Именно поэтому он не заметил прихода бабушки. А потом поднялся такой крик, что и вода не могла его заглушить.

— Держи вора! — громовым голосом орала Лилия Ефимовна и, зажмурив глаза, размахивала палкой в Димкиной комнате так, будто сражалась с мушкетерами на шпагах. — Держи вора! — И тут же с повизгиванием: — Обокрали! Миленькие! Обокрали!

Тайна серебряного гусара - sc06.png

Димка, моргая мокрыми ресницами, ворвался в свою комнату и без лишних разговоров бросился к окну. Двор был пуст.

И письменный стол был пуст. Серебряный гусар исчез.

У Димки вырвался дикий крик отчаяния, и Лилия Ефимовна тут же смолкла, растерянно глядя на внука.

— Димочка! Нас обокрали! — пролепетала она и, держась за сердце, опустилась в кресло.

Димка был злой, но почему-то спокойный. Он принес бабушке валидол и присел рядом.

— Димочка! Посмотри внимательно, что украли, надо милицию вызвать, — слабым голосом попросила Лилия Ефимовна.

Димка для виду пооткрывал шкафы и повыдергивал ящики стола. Он-то знал, что ничего не украли.
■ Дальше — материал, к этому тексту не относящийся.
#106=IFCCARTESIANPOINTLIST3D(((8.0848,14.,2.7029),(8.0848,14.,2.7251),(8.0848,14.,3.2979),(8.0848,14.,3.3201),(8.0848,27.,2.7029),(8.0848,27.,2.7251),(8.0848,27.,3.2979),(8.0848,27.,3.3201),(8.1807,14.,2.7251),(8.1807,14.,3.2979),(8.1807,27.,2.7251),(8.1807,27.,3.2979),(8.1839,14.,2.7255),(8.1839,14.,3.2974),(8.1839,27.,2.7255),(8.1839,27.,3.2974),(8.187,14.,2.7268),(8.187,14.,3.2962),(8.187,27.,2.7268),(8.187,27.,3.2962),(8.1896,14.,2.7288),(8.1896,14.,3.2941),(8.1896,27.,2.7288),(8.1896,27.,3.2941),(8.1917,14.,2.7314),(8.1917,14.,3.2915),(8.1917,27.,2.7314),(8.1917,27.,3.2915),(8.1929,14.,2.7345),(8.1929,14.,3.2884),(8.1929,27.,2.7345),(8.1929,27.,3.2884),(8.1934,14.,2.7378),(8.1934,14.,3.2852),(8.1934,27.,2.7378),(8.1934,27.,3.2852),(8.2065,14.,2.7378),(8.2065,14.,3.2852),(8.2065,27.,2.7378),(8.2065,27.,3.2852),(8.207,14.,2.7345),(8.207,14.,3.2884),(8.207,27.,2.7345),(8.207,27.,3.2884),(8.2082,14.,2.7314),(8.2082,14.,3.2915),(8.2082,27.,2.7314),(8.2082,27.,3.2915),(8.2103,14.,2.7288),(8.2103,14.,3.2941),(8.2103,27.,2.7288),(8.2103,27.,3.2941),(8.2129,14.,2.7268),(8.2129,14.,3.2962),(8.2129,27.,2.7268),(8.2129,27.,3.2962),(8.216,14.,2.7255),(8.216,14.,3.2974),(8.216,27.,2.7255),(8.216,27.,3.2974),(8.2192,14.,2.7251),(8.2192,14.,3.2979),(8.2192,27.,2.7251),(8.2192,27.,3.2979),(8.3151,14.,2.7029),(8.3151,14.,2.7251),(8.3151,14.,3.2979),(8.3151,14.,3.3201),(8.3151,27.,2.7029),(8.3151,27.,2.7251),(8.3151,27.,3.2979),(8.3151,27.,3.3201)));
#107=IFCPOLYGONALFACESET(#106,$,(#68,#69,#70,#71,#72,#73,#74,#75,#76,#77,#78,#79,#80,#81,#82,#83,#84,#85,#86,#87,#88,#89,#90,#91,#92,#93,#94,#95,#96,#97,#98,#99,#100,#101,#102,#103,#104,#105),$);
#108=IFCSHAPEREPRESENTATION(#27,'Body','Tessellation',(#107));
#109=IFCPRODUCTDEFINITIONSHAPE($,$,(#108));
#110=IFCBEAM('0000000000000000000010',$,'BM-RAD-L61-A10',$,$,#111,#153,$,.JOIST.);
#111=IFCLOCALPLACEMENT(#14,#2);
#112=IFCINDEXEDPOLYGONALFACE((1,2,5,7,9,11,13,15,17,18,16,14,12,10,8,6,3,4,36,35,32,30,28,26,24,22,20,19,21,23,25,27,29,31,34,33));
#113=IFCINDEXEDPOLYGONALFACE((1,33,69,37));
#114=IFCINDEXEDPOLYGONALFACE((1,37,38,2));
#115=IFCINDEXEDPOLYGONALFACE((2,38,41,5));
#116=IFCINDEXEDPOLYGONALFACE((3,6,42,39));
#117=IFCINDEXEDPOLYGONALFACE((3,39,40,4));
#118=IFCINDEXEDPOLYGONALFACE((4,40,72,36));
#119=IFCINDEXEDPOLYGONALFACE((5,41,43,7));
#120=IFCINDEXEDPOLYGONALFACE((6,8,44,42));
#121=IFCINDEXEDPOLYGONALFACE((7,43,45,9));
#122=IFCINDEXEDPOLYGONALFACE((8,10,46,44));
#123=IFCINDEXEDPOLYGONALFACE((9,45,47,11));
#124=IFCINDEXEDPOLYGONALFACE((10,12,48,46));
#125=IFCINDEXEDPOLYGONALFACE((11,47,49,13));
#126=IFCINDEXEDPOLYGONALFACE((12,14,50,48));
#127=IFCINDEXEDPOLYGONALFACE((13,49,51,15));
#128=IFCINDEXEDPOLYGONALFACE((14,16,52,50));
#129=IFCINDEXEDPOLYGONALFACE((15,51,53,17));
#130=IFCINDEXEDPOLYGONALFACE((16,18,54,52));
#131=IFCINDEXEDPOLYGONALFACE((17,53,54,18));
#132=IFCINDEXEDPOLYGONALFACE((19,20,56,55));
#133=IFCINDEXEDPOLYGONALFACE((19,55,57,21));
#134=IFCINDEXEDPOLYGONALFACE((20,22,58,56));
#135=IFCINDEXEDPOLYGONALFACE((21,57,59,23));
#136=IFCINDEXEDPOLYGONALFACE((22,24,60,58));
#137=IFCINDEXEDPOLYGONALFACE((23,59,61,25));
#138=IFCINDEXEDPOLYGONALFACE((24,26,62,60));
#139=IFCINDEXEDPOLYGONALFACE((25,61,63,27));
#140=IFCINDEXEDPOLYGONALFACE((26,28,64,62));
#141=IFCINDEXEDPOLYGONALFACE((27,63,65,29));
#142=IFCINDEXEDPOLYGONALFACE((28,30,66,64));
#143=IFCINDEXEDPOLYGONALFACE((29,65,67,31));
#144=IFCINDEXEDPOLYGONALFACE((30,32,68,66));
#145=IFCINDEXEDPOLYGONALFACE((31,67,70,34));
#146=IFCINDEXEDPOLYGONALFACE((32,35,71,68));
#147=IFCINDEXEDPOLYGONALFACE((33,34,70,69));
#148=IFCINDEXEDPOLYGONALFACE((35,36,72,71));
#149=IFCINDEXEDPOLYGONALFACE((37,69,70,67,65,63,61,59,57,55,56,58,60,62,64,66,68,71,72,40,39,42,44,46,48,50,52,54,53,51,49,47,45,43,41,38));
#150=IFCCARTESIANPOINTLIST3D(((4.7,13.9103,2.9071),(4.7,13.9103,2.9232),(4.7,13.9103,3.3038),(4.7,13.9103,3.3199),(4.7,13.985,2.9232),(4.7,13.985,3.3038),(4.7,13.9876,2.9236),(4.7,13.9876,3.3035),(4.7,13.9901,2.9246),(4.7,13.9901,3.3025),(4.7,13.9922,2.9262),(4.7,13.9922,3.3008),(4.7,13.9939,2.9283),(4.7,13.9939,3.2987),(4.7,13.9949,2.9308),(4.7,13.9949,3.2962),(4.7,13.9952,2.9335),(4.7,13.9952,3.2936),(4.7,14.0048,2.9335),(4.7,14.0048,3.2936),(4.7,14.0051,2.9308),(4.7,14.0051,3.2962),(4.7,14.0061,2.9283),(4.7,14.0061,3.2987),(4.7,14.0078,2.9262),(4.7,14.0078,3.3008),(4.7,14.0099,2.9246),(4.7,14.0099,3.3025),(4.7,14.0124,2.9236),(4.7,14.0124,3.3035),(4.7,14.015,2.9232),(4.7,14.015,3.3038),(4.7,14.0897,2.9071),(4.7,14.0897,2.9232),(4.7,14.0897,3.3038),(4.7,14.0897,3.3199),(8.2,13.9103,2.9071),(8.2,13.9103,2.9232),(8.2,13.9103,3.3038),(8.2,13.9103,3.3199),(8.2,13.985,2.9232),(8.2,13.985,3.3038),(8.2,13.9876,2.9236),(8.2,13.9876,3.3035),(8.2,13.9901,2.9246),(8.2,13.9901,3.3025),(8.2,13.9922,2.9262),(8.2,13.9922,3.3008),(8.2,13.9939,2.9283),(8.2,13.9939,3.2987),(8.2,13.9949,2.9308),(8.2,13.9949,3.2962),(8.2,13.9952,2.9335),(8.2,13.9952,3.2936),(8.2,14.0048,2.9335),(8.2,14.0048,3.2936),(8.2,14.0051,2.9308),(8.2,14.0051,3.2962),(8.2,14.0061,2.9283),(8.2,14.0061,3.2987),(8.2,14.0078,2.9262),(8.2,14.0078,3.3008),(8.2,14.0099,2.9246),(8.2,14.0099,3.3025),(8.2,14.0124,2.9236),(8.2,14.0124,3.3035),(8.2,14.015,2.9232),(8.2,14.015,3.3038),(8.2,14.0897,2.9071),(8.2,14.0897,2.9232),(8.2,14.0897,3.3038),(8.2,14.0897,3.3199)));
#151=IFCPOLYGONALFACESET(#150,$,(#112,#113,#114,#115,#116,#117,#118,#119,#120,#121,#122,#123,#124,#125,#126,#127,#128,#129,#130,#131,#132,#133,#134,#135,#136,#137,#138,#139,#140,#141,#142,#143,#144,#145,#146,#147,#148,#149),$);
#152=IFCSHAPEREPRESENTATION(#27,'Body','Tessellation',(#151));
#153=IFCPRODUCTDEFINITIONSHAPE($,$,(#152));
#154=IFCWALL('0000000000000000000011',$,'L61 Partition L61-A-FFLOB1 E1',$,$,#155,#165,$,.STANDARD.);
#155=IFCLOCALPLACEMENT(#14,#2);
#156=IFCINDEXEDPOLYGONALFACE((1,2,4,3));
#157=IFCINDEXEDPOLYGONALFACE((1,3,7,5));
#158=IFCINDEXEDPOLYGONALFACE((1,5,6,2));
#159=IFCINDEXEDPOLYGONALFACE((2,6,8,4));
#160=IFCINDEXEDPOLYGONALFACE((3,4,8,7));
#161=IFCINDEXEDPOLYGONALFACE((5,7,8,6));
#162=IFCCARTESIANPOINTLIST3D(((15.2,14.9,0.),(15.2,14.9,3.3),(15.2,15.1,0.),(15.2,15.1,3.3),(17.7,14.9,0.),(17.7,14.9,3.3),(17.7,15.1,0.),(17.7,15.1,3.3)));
Ничего, кроме серебряного гусара, красовавшегося на письменном столе.

— Тебе почудилось, — спокойно произнес он, решив, что рассказывать бабушке о серебряном гусаре — долго и ни к чему.

— Как это почудилось? — взвизгнула Лилия Ефимовна уже своим обычным голосом и схватилась за палку. — Я заглядываю в комнату, а он как сиганет в окно!

— Кто?

— Мужик. Здоровый. В сером костюме. Во все окно как встал да как выпрыгнул! А я как закричу!

— Бабуль! Ничего не украдено. Не было никакого грабителя. Давай-ка я тебе давление померяю.

Димка ловко справился с тонометром и заявил, что у Лилии Ефимовны высоченное давление.